10.10.2005

While I should've been resting

This weekend, when the smart thing to do would've been to lay in bed doped up on Robitussin and Goldenseal, I instead decided to do a bunch of useful, productive things. I know. Stupid. Chris and I have been in Project Mode for the last couple of weeks, but that was not my plan for this weekend. Just some simple cleaning up, starting with the bedroom.

My first order of business was to get rid of unnecessary clutter, like the luggage bags that were still out from our anniversary trip. Right, to the closet with you. If you've ever seen our bedroom closet, you'd be eyeing these bags trying to mentally sum up whether or not they would fit in there. But I knew they would, because that's where they were before we used them. Apparently, Chris had a system for getting them in and out that I was unaware of, because when I tried to shove them in there on a low shelf, something snapped. In the literal, not the figurative. I didn't know what it was until the rod that all our nice clothing hung on (we keep our hundred-dollar suits in there) fell.

Let me try to describe to you how our closet worked. There was this metal rod spanning the width of the closet. On one side of the closet, a foot or so inside the door, was a wooden plank that had been fixed to the wall with dozens of bent, skewed nails. It ran the depth of the closet. On the other side was a similar plank. The metal rod rested balanced on top of these two planks with nothing much to hold it in place, so it just sort of rolled around in there. With clothes on it, it didn't move around much because from shoulder to shoulder, our hangers took up the entire depth of the closet.

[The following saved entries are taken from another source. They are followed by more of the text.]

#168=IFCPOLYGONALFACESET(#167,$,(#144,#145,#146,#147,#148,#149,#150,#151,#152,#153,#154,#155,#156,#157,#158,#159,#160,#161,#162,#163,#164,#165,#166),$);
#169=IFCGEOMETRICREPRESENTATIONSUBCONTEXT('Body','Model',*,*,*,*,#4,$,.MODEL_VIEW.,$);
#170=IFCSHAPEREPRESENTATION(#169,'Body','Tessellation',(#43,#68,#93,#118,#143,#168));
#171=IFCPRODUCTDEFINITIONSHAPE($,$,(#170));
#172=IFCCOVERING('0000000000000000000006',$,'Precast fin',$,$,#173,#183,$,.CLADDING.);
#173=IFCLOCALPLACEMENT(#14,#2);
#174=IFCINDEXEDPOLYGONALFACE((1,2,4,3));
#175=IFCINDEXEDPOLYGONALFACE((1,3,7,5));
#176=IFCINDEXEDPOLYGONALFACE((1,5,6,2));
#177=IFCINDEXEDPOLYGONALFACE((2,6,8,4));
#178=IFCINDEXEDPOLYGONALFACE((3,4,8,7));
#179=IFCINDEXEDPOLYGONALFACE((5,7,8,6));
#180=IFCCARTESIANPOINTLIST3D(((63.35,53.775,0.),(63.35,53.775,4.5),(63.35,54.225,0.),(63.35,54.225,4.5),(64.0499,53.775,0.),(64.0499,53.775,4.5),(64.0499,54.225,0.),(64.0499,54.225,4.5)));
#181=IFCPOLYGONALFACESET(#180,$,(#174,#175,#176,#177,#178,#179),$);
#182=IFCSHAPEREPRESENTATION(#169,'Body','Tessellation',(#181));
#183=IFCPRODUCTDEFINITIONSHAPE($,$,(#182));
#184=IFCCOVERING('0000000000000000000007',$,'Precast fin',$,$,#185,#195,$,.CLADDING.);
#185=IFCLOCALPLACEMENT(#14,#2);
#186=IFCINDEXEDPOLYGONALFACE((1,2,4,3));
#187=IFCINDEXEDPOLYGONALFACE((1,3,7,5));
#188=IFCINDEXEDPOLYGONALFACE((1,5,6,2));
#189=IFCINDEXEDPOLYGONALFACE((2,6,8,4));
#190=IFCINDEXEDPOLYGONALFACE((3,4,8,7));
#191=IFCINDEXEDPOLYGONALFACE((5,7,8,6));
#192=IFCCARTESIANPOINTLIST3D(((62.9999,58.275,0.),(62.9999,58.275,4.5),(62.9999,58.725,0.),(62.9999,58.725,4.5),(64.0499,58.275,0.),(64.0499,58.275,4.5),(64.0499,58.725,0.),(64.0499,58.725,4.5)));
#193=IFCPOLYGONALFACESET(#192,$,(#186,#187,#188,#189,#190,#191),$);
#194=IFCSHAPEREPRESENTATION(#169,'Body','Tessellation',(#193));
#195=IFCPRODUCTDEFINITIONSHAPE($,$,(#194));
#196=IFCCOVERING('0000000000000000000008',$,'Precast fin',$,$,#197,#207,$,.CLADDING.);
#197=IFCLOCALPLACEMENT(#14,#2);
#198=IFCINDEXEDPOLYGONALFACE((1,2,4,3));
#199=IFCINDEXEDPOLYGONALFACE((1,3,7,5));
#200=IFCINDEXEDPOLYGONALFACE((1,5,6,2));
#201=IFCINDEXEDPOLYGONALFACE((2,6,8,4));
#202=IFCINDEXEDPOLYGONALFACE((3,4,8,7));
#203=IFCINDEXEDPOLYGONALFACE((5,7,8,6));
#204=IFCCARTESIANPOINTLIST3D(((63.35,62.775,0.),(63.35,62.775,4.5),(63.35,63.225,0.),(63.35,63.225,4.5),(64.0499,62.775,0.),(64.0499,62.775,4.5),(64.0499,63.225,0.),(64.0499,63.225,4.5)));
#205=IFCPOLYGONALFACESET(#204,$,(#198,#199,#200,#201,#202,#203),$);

We could've fixed it up in a way similar to how it had been jerry-rigged the first time, but I saw in this tragedy an opportunity. We could buy new shelves and a new rod and have a truly functional closet here. So, when Chris got home, we went to Lowe's.

I don't know why we keep going to Lowe's. There has to be some other place that sells shelves and closet bars. But we weren't really sure what we were looking for exactly and we wanted options. We settled on some 20" deep wire shelves, so we buzzed for somebody to come and cut them for us. And this guy...he was a salesman. By the time we checked out, he'd hooked us up with $200 worth of stuff we would absolutely need to outfit THE TINIEST CLOSET YOU'LL EVER SEE IN YOUR ENTIRE LIFE. How? How did he do that?

By the time we got back from the emotionally draining experience that Lowe's always is, we'd decided to take half of the stuff we just bought back, which was too late to do since it was Sunday and they close early. So even though technically we didn't make two trips, it still doesn't count as a win because of the inevitability that we will. When we got home, we realized the cordless drill wasn't charged, so we didn't even get to start on the closet rod. Last night, we slept on the couch because clothes, luggage, and various other homeless sundries were piled on top of the bed.

I remember a time when cleaning one's room was a simple thing with simple objectives and few real obstacles. However, I think that in the future it would behoove me to remember that it is not that way anymore.

1 comment:

LBC said...

It's the tiniest closet in the Western 'sphere! (I hear there are tinier closet in the East, where the people are naturally small.)